I don't think a ban/register will help much either tbh. It's not prevented pitbulls which are banned being owned in the uk. We all know BSL as is is ineffective. Someone mentioned earlier COs are starting to become status dogs, well imo that will become worse if they are put on the banned breeds list. I think education is needed, people need to be made aware this breed is not suitable for the average owner and they involve a lot of work to manage. I would imagine the vast majority of the general public don't have a clue, see cute puppy ads and don't take into consideration the breed traits/temperament being an LGD etc. This is what needs to change imo, yes you will still get the idiots going out getting them as status dogs whatever we do however at least it's a step in the right direction 

I don't expect everyone to agree with me on this but from what I have seen bans don't work very well, especially when they aren't enforced properly


----------



## Mirandashell (Jan 10, 2017)

mrs phas said:


> Cos that really helped for pitbulls! There are now, allegedly, more pitbulls ( types) in the country than there were when the ban was first implemented


Is there evidence for that?


----------



## Mirandashell (Jan 10, 2017)

I'm not saying that the ban would be totally effective but it would ensure there won't be 40 puppies up for sale on Pets4homes.


----------



## LurcherGreyoundGirl (Oct 13, 2013)

StormyThai said:


> It worries me that already you have rescues slating the police and RSPCA because apparently they took the easy way out!
> Seriously???
> These dogs DO NOT belong in the UK, they are serious dogs and urban environments are not suitable full stop!
> I think ending this poor dogs misery when they did was far better than languishing in kennels or some sanctuary...I don't believe in BSL but these dogs need licencing AND those licences need to be enforced IMHO


I find this to be interesting. How many people have Caucasian Shepherds killed since the beginning of last year compared to how many a certain other type of dog has killed in the same time (which is something like 40 with injuries including fractured skulls, disembowelments and dismemberments). Yet you wouldn't be saying that the latter doesn't belong in this country and need to be stringently licenced now would you?

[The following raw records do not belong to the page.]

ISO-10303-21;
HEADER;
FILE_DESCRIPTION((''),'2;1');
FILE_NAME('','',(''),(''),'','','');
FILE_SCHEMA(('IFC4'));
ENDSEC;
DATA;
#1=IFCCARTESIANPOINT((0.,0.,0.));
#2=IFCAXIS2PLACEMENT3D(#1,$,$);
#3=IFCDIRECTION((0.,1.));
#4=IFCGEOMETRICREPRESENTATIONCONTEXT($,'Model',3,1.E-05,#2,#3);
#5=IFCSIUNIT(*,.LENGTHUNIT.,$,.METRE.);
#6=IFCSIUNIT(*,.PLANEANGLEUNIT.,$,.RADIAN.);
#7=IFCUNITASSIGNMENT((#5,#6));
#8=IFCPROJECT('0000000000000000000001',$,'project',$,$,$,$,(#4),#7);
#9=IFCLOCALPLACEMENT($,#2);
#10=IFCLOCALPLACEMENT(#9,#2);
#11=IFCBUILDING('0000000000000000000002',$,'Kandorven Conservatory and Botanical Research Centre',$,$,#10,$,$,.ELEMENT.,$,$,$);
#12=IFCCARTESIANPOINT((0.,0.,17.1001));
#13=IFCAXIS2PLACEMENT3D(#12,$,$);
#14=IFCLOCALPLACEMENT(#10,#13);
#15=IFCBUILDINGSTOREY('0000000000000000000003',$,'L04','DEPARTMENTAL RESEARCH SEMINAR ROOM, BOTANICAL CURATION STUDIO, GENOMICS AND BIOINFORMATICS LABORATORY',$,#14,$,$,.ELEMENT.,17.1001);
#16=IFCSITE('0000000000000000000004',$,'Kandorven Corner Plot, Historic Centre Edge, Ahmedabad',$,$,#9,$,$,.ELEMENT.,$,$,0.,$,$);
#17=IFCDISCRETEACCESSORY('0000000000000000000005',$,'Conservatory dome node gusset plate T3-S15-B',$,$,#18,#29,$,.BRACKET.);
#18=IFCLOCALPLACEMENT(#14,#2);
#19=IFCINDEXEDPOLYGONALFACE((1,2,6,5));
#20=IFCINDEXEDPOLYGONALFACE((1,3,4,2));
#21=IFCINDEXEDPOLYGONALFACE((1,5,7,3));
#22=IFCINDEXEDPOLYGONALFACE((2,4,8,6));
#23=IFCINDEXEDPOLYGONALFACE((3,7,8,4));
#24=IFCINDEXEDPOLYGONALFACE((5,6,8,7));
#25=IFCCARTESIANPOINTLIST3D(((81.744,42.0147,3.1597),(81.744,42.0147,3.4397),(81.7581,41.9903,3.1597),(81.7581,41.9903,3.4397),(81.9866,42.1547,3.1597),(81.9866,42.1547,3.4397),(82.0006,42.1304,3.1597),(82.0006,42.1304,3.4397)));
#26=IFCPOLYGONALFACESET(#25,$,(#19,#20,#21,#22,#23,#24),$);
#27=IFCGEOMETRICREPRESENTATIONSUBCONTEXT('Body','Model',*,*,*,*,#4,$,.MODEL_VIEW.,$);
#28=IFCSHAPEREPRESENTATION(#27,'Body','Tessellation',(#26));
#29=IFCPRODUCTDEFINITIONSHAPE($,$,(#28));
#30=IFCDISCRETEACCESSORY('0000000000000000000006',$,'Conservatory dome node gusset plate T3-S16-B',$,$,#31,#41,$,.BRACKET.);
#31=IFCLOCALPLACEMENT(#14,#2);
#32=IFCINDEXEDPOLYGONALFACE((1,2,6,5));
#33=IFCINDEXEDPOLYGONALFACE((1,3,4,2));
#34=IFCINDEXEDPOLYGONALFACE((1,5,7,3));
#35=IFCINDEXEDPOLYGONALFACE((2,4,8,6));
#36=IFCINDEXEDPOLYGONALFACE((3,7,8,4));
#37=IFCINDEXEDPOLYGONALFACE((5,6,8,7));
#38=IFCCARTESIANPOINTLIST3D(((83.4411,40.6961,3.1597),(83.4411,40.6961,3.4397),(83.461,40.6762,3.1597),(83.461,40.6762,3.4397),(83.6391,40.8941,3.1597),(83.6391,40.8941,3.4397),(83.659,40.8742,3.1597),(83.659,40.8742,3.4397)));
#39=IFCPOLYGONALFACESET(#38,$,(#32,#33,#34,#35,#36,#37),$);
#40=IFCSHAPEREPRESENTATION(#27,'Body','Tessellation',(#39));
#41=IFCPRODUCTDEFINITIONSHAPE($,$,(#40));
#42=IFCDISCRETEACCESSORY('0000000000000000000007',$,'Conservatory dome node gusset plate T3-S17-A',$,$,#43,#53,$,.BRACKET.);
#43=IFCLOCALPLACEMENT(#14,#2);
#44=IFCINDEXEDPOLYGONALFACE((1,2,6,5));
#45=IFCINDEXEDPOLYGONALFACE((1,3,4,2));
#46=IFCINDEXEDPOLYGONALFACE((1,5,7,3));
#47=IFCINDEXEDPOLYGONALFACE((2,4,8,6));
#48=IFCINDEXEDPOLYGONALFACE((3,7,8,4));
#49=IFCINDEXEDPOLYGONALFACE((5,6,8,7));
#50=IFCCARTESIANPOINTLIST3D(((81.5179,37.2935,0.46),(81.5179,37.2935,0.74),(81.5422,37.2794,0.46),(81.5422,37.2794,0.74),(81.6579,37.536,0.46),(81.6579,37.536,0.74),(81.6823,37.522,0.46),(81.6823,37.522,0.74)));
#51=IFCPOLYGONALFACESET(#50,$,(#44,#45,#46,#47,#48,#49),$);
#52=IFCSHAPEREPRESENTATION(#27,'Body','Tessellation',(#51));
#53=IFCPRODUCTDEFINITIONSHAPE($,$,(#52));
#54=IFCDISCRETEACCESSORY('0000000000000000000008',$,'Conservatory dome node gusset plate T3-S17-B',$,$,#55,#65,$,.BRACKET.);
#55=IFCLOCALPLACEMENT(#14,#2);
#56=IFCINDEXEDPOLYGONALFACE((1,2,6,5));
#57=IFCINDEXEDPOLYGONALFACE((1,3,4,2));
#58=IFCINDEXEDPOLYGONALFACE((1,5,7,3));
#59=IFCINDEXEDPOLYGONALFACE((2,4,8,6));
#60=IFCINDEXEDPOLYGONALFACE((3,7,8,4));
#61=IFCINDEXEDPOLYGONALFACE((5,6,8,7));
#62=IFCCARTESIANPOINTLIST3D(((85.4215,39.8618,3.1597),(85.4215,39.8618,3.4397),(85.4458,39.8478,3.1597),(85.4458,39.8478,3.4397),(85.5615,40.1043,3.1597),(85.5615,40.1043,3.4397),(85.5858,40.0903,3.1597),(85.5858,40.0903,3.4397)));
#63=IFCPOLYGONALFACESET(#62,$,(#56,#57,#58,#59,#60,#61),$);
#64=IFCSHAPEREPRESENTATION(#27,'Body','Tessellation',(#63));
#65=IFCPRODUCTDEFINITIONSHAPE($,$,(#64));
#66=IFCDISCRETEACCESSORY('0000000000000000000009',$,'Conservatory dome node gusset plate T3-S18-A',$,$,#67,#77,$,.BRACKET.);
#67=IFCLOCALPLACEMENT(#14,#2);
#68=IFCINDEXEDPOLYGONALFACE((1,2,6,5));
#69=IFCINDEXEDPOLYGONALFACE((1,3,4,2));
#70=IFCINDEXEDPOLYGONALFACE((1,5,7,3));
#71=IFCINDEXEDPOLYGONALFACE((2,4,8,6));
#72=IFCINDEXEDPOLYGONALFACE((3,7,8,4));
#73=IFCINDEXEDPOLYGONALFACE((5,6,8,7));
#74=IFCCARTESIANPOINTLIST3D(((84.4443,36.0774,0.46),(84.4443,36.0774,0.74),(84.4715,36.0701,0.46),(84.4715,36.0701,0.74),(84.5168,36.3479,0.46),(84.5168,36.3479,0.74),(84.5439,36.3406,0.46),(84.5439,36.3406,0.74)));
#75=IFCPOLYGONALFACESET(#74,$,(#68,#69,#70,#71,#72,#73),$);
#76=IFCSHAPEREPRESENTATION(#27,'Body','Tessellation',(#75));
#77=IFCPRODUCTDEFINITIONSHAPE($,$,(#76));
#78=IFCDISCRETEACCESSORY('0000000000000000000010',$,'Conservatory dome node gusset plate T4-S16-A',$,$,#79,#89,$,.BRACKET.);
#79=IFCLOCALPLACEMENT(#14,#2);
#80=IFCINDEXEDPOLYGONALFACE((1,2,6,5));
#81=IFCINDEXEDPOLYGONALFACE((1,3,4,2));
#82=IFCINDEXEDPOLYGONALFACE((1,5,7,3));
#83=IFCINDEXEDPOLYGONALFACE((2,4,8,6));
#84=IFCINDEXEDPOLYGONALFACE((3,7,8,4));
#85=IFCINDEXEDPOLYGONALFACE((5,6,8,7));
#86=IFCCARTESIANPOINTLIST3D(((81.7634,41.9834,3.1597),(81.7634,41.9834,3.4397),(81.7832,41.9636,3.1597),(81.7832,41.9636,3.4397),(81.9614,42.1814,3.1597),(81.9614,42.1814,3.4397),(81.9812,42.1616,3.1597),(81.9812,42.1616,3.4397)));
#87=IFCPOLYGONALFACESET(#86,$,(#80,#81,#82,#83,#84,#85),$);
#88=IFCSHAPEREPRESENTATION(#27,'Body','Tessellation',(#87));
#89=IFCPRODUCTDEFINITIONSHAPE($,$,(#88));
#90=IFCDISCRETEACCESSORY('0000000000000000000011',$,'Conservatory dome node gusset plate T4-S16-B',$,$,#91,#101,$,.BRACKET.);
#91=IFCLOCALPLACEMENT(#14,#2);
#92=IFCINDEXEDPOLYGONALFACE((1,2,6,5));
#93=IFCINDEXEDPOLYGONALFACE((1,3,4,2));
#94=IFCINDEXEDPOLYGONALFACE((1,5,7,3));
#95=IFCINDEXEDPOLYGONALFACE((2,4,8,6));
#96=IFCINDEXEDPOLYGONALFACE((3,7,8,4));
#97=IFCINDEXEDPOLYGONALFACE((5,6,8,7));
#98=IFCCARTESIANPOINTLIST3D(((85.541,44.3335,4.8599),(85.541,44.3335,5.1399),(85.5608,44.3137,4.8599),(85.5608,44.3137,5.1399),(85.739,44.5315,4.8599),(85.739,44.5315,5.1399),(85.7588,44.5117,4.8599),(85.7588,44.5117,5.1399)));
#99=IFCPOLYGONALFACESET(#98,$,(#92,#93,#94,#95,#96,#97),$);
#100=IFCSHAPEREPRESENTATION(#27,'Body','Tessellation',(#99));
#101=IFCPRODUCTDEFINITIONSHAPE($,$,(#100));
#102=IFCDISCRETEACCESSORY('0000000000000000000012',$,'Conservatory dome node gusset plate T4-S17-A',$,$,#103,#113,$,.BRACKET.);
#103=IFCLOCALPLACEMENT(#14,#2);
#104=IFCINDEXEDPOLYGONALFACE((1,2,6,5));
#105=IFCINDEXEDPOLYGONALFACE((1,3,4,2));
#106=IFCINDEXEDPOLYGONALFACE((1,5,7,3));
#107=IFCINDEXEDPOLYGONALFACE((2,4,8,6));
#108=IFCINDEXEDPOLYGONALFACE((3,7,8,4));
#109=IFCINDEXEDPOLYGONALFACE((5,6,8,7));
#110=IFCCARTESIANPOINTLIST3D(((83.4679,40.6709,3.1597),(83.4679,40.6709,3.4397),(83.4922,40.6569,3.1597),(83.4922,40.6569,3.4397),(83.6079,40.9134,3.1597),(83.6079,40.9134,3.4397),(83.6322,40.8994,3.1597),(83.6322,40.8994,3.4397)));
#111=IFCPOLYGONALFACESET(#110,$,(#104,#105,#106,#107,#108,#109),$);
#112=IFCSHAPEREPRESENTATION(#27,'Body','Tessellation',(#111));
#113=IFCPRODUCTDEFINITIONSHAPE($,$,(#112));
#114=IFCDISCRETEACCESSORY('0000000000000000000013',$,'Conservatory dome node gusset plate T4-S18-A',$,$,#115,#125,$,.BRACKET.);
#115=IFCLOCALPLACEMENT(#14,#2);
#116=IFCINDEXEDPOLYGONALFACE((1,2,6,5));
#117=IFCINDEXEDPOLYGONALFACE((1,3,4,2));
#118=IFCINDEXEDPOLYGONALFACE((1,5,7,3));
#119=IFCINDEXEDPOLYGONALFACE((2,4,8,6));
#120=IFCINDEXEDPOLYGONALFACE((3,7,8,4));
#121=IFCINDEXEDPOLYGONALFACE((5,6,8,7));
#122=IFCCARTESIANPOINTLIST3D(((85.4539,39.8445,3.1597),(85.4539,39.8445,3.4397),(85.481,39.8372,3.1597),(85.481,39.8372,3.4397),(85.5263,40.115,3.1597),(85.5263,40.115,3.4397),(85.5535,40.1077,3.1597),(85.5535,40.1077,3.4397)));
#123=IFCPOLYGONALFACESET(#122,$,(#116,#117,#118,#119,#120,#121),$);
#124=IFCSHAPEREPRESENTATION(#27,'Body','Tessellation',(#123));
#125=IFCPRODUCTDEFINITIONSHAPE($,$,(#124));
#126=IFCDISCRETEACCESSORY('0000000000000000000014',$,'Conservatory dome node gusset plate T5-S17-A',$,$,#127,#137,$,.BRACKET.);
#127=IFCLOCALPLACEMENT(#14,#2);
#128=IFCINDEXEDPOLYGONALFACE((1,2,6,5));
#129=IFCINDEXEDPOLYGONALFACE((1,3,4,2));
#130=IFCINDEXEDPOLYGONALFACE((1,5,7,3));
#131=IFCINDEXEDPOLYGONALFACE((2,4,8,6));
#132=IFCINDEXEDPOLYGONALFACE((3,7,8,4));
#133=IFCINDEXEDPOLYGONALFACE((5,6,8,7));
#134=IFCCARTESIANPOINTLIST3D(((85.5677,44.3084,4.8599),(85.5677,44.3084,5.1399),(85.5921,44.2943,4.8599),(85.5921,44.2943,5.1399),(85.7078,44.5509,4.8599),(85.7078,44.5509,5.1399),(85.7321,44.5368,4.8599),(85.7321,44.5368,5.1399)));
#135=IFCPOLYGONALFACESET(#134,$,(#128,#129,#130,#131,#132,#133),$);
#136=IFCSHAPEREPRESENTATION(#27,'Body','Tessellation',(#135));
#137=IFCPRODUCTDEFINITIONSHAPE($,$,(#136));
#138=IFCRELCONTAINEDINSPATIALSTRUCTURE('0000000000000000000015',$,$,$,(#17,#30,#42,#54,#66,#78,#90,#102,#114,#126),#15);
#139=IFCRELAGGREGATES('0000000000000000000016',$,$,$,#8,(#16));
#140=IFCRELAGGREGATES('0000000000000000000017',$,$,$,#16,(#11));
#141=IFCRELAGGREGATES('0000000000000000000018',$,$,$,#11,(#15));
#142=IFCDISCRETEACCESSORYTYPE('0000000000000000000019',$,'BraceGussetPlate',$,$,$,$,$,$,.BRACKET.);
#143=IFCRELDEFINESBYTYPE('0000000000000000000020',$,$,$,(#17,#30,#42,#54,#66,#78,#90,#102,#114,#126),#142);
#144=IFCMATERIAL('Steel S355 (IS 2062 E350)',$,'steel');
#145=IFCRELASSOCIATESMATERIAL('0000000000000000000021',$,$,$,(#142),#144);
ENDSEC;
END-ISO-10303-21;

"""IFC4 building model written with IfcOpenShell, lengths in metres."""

from ifc_helpers import new_model, si_unit, direction, frame, origin, origin_2d, place, context, subcontext, project, spatial, rectangle, extrude, material, type_object, element, save


model = new_model("IFC4")

# Units and contexts
model_context = context("Model", 3, precision=1e-05, world=origin(), true_north=direction((0.0, 1.0)))
body_context = subcontext(model_context, "Body", "Model", "MODEL_VIEW")
ifc_project = project(units=[si_unit("LENGTHUNIT", "METRE"), si_unit("PLANEANGLEUNIT", "RADIAN")], contexts=[model_context])

# Site, building, storey
site_placement = place(None, origin())
site = spatial("IfcSite", under=ifc_project, at=site_placement, Name="Kandorven Corner Plot, Historic Centre Edge, Ahmedabad", CompositionType="ELEMENT", RefElevation=0.0)
building_placement = place(site_placement, origin())
building = spatial("IfcBuilding", under=site, at=building_placement, Name="Kandorven Conservatory and Botanical Research Centre", CompositionType="ELEMENT")
storey_placement = place(building_placement, frame((0.0, 0.0, 17.1001)))
storey = spatial("IfcBuildingStorey", under=building, at=storey_placement, Name="L04", Description="DEPARTMENTAL RESEARCH SEMINAR ROOM, BOTANICAL CURATION STUDIO, GENOMICS AND BIOINFORMATICS LABORATORY", CompositionType="ELEMENT", Elevation=17.1001)

# Discrete accessories
ifc_material_1 = material(Name="Steel S355 (IS 2062 E350)", Category="steel")
discrete_accessory_type = type_object("IfcDiscreteAccessoryType", Name="BraceGussetPlate", PredefinedType="BRACKET", material=ifc_material_1)
for number, where, z_axis, x_axis, name in (
    (1, (81.8723, 42.0725, 3.1597), (0.0, 0.0, 1.0), (-0.866025, -0.5, 0.0), "Conservatory dome node gusset plate T3-S15-B"),
    (2, (83.55, 40.7852, 3.1597), (0.0, 0.0, 1.0), (-0.707107, -0.707107, 0.0), "Conservatory dome node gusset plate T3-S16-B"),
    (3, (81.6001, 37.4077, 0.46), (0.0, 0.0, 1.0), (-0.5, -0.866025, 0.0), "Conservatory dome node gusset plate T3-S17-A"),
    (4, (85.5037, 39.9761, 3.1597), (0.0, 0.0, 1.0), (-0.5, -0.866025, 0.0), "Conservatory dome node gusset plate T3-S17-B"),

And for the record, I do not think this dog should have been killed. There were offers of help before the dog was shot and they were rejected by the police. The dog was never given a chance!

As for the excuse that the vet apparently gave about not being able to get close enough to dart it. Here is a wildlife vet successfully tranquilizing a wild dog from a reasonable distance away. 



 And to any of you saying how the dog wouldn't have coped in a sanctuary. How do you know that? Are you psychic?


----------



## Pappychi (Aug 12, 2015)

LurcherGreyoundGirl said:


> I find this to be interesting. How many people have Caucasian Shepherds killed since the beginning of last year compared to how many a certain other type of dog has killed in the same time (which is something like 40 with injuries including fractured skulls, disembowelments and dismemberments). Yet you wouldn't be saying that the latter doesn't belong in this country and need to be stringently licenced now would you?
> 
> And for the record, I do not think this dog should have been killed. There were offers of help before the dog was shot and they were rejected by the police. The dog was never given a chance!
> 
> ...


I don't need to be psychic to tell you that - I've owned, lived, worked and continue to be involved with the Caucasian in the U.K.

Additionally, you're comparing apples to oranges with that little comparison you've got going there


----------



## Zaros (Nov 24, 2009)

LurcherGreyoundGirl said:


> I do not think this dog should have been killed. There were offers of help before the dog And to any of you saying how the dog wouldn't have coped in a sanctuary. How do you know that? Are you psychic?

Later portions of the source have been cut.